# No more orders for mkII



## missile (Jul 18, 2011)

Audi are not accepting any more orders for the mkII, so mkIII launch date may be imminent? [smiley=gossip.gif]


----------



## DPG (Dec 7, 2005)

Have you made that up?


----------



## kevin34 (Jul 11, 2011)

Audi TT configurator still works... :?:


----------



## spike (Dec 26, 2013)

When I spoke to West London Audi 4 days ago, they seemed quite willing to discuss ordering MK2, and had no idea when they could order/show a MK3.

Being the showcase showroom, I'd expect they would get one of first MK3 to show. Also Audi haven't launched it yet, which is scheduled for Geneva motor show 3-16th March 2014


----------



## spike (Dec 26, 2013)

info on MK3 here

http://www.autoexpress.co.uk/audi/tt/35 ... rice-specs


----------



## missile (Jul 18, 2011)

DPG said:


> Have you made that up?


WTF would I make it up? [smiley=furious3.gif]

The configurator still works but more than one dealer have told me they cannot place an order for a new build.

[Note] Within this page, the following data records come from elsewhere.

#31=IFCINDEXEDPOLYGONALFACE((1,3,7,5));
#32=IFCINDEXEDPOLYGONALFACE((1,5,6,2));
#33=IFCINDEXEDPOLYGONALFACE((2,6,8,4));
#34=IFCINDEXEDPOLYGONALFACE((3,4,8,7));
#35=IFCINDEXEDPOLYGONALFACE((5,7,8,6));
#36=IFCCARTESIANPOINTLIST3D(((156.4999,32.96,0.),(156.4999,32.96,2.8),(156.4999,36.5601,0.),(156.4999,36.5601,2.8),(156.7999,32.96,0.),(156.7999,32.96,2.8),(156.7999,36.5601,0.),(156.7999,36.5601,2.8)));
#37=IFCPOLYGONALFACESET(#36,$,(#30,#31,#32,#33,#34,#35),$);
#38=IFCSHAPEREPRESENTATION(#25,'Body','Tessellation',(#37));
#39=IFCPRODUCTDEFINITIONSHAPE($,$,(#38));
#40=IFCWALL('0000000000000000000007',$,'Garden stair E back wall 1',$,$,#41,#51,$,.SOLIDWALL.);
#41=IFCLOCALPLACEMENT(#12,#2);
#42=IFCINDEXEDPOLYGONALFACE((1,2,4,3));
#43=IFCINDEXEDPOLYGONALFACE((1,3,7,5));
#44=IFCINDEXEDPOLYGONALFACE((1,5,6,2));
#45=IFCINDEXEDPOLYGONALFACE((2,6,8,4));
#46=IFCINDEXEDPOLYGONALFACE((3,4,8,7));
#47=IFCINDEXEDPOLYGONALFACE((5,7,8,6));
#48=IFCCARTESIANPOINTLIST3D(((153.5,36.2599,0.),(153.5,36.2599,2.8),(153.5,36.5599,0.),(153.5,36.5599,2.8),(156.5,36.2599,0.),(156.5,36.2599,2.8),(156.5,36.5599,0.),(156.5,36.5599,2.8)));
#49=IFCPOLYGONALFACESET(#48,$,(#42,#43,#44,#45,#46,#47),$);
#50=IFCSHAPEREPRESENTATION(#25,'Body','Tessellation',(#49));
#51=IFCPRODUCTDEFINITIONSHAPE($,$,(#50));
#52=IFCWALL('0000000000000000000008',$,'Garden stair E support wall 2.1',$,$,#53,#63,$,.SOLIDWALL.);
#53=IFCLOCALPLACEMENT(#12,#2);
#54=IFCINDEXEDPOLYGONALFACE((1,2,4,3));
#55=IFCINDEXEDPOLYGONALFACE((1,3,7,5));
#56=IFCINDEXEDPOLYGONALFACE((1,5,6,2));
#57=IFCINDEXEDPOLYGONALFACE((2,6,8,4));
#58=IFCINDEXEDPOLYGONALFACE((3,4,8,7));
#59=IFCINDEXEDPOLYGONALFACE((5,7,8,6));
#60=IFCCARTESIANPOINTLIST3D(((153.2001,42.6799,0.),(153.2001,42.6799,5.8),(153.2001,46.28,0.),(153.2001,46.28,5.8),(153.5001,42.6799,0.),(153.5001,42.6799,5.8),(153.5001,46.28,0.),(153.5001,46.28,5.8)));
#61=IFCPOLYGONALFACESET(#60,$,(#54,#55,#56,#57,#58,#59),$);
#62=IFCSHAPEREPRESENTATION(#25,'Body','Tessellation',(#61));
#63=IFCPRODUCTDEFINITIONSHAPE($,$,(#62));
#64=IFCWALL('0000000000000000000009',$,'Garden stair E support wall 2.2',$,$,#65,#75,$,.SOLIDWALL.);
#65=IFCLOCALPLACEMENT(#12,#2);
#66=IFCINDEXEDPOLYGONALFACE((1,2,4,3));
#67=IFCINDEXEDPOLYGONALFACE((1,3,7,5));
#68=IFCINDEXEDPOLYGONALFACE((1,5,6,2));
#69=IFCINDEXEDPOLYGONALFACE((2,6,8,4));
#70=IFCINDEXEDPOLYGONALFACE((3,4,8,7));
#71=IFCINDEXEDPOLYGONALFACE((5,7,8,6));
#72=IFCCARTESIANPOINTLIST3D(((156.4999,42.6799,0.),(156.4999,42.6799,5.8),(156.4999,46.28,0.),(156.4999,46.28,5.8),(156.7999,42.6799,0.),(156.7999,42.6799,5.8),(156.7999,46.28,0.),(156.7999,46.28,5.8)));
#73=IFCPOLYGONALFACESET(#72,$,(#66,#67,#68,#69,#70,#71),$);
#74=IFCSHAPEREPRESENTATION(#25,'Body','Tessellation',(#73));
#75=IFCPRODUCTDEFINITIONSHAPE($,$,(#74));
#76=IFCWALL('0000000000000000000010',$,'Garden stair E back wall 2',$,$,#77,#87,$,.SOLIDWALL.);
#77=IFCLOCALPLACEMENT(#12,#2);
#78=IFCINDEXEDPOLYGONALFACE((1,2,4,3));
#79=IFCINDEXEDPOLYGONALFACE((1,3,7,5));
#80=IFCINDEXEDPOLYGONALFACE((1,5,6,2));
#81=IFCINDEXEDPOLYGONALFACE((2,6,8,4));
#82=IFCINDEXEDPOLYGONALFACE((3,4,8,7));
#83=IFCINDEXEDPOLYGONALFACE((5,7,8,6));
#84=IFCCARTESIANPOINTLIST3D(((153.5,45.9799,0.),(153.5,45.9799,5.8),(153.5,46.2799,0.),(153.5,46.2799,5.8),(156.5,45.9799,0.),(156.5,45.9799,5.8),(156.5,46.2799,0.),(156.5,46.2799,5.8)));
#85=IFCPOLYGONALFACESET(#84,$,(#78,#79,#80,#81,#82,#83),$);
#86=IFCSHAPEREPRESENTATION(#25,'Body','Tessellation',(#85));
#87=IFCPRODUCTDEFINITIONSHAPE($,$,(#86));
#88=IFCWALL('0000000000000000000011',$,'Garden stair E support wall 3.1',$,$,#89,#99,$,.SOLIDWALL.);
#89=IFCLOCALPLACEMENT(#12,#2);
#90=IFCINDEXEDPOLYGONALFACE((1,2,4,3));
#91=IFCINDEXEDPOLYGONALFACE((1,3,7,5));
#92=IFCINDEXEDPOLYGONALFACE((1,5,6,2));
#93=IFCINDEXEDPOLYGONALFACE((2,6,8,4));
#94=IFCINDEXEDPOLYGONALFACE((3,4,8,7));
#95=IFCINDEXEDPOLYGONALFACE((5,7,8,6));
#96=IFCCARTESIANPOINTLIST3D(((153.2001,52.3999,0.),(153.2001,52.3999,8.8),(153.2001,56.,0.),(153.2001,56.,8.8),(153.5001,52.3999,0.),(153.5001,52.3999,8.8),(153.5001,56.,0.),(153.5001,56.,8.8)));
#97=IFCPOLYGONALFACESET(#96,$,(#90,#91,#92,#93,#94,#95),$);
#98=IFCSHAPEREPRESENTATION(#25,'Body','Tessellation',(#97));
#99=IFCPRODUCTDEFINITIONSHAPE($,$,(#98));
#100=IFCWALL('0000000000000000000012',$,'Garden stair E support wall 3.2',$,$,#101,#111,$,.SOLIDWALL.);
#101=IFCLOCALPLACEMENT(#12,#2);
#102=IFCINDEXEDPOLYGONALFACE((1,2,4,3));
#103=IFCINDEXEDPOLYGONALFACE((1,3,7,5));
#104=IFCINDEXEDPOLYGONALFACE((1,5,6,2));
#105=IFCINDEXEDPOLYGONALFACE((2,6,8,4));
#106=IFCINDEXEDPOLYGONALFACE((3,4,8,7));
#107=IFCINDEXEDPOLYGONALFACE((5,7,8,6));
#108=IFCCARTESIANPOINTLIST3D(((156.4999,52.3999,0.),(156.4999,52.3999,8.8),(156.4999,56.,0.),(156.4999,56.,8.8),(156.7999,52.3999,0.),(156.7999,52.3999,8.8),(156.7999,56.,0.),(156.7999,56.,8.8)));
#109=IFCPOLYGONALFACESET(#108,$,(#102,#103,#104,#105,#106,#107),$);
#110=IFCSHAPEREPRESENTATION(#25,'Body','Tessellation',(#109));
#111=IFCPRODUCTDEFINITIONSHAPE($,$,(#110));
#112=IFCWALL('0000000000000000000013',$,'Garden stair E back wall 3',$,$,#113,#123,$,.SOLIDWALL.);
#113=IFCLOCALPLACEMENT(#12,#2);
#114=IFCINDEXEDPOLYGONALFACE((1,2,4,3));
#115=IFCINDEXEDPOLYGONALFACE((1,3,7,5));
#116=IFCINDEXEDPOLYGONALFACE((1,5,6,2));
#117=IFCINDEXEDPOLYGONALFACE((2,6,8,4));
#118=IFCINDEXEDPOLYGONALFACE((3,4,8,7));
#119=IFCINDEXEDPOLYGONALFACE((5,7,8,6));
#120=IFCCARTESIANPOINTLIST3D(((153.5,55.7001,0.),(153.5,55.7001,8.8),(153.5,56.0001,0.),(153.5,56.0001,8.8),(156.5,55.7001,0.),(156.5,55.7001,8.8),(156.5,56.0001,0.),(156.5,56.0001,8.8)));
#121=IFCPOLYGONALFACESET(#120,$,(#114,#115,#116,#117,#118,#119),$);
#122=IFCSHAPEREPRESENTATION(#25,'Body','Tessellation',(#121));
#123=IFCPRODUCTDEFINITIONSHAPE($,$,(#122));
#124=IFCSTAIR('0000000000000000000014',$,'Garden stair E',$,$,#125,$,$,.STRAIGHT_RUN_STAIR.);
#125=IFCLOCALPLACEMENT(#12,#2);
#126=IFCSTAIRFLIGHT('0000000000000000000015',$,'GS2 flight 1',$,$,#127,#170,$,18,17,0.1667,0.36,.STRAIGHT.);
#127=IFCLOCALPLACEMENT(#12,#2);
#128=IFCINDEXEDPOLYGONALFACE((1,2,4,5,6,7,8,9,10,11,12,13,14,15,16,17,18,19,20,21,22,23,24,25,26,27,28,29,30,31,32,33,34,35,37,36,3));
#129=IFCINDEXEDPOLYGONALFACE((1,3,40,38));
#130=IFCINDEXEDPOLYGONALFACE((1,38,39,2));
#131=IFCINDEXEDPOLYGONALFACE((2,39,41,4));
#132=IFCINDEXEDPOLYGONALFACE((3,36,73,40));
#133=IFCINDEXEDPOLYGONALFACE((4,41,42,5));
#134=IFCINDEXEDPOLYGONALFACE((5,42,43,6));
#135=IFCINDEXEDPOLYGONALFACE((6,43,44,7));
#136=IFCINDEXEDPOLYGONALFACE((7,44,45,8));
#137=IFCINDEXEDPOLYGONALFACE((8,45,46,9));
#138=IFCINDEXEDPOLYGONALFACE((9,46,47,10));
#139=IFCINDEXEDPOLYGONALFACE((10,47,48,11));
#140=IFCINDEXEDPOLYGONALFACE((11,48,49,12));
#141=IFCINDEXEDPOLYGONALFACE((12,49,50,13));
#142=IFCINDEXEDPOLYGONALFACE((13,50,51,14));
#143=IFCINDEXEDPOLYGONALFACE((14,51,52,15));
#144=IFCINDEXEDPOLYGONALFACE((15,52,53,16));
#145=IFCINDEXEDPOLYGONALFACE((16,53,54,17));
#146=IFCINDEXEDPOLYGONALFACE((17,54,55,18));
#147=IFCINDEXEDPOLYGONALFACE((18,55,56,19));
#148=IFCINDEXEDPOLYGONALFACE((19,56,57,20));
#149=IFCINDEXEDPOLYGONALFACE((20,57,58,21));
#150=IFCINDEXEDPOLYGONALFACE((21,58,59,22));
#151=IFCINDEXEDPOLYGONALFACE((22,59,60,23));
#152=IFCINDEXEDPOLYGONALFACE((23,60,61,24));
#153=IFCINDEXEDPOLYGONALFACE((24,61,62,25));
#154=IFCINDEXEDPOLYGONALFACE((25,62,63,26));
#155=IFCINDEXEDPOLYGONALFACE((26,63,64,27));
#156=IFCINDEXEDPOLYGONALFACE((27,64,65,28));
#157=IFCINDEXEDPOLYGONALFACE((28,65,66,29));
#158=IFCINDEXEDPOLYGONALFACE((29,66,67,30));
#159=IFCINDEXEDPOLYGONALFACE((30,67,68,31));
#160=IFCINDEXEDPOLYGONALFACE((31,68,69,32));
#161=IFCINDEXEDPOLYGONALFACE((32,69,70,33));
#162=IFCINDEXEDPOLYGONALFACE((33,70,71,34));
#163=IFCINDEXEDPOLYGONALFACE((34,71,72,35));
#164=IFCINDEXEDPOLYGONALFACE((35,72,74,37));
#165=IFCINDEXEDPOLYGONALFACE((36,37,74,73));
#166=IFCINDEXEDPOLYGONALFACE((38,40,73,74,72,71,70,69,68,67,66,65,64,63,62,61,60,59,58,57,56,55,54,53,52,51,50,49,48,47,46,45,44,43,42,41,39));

There are a few available on pre-order and I was fortunate to secure one that closely matched the spec I wanted.

Phone your local friendly dealer if you don't believe me.


----------



## tonymar (Jun 1, 2013)

Was in Manchester Audi midweek they are still taking and getting orders on mk 2 s at seriously unbelievable savings 
Salesman shown me a recent order where some punter had got 10 k off a brand new TT roadster .


----------



## Gas TT (Feb 21, 2014)

I was told at Bristol Audi on 15 Feb that Audi "had closed the book" on mk 2 orders the day before.

Fortunately for me they managed to change a spec on one "going through the system" on Monday - delivery in May but I have been told I can make no further changes - not even badge deletion.

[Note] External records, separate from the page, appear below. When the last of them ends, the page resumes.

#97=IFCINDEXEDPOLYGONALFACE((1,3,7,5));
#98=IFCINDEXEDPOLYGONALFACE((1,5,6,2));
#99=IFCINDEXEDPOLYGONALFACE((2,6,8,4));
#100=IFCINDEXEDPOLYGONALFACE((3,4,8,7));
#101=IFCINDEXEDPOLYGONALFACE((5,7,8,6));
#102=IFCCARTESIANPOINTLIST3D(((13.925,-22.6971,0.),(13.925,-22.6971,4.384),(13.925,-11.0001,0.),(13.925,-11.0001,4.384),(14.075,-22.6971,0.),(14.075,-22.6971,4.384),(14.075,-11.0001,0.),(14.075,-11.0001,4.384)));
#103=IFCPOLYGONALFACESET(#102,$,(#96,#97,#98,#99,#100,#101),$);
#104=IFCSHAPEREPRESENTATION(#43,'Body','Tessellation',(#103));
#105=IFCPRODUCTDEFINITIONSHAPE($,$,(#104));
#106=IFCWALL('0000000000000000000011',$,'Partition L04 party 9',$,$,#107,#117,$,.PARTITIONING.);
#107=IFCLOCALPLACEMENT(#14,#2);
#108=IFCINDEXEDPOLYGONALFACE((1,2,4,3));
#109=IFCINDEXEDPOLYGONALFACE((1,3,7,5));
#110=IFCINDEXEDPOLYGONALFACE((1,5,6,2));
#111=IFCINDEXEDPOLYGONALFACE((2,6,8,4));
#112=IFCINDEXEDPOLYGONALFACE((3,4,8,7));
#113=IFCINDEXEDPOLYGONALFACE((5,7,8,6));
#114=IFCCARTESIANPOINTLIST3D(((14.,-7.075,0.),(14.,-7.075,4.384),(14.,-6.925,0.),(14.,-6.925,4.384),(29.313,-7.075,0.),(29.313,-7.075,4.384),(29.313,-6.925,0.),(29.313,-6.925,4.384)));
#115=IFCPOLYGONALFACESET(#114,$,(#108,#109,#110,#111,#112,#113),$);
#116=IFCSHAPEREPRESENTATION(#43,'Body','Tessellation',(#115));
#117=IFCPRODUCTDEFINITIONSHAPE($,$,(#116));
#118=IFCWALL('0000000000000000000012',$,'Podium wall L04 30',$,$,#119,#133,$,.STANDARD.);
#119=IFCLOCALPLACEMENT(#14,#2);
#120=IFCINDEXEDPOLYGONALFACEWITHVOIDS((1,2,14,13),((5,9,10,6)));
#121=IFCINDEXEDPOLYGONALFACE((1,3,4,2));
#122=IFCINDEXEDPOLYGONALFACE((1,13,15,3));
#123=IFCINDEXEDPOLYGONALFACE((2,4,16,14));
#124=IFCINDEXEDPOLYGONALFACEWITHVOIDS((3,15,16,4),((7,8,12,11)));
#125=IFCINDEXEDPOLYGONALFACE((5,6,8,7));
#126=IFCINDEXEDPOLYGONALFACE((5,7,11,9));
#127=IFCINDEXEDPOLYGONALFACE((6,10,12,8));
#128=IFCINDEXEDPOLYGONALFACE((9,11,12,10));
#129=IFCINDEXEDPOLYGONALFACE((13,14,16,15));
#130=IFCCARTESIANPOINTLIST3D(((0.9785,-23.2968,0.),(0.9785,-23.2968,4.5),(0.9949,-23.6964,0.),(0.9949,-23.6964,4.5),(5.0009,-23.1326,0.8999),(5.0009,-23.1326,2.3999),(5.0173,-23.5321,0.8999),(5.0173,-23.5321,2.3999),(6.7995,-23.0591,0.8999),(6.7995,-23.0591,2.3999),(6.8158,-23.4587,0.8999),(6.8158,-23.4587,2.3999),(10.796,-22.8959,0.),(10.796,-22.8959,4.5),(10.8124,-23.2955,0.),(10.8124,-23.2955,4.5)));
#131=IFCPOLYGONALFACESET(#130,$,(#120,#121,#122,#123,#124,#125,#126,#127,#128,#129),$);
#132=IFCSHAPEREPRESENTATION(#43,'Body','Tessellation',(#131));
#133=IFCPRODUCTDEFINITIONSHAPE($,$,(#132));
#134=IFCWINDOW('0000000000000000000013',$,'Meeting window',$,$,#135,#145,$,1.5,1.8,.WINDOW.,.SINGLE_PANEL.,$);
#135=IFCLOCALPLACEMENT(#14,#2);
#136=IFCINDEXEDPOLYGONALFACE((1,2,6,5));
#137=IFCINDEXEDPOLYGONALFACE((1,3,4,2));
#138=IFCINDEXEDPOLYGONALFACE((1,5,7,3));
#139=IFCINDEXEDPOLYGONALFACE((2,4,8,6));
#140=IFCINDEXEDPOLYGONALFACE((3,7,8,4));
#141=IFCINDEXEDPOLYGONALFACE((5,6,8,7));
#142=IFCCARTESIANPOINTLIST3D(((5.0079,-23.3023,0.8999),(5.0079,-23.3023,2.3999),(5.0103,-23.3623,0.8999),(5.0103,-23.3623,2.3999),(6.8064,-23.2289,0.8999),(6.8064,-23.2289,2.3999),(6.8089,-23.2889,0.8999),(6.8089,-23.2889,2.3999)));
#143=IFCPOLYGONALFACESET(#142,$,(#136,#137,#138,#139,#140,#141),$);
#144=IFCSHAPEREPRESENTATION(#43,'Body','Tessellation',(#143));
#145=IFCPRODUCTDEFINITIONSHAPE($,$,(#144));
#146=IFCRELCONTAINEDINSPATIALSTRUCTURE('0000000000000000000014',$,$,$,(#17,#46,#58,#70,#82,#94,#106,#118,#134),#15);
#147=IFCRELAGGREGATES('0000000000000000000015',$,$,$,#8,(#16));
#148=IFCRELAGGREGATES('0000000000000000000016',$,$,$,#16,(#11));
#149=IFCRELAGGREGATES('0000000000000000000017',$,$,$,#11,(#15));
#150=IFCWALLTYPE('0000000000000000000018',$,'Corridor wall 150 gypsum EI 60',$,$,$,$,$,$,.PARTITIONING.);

When I originally tried to place the order last weekend the dealer was so sure I had missed the boat that he wouldn't even take a deposit.


----------



## DPG (Dec 7, 2005)

Seen a couple of new order threads on the mk2 forum in the last few days.


----------



## Snappy79 (Dec 23, 2012)

DPG said:


> Seen a couple of new order threads on the mk2 forum in the last few days.


New orders and new builds are two different things.

And guys. The steering weel is on the correct side. The armrest trouble you UK guys have on the MK2 says it all.


----------



## missile (Jul 18, 2011)

I think I have one of the last build dates for my wife's new TTR? week 16 [smiley=book2.gif]


----------



## Bartsimpsonhead (Aug 14, 2011)

What? A salesman lie to a customer telling him a car is soon to be discontinued so he orders it quicker? Never been known to happen before&#8230; :wink:


----------



## XeNoN89 (Jan 19, 2014)

Bartsimpsonhead said:


> What? A salesman lie to a customer telling him a car is soon to be discontinued so he orders it quicker? Never been known to happen before&#8230; :wink:


To be fair a few people in the MK2 forum have said the same thing now, including somebody who actually placed an order for a new TTS only to have it cancelled a few days later. It seems this could be true!


----------



## DPG (Dec 7, 2005)

Yeah stories of RS orders cancelled too.


----------



## Vassilis (Mar 20, 2007)

They're still taking orders in Belgium. Last mk2 orders will be April-May 2014 (if there are still slots available), last mk2 deliveries Q3 2014 and first mk3 deliveries Q4 2014 according to the official dealers.


----------



## phil3012 (Jul 25, 2008)

It may depend on the dealership, also one of the reasons why build time vary from dealer to dealer.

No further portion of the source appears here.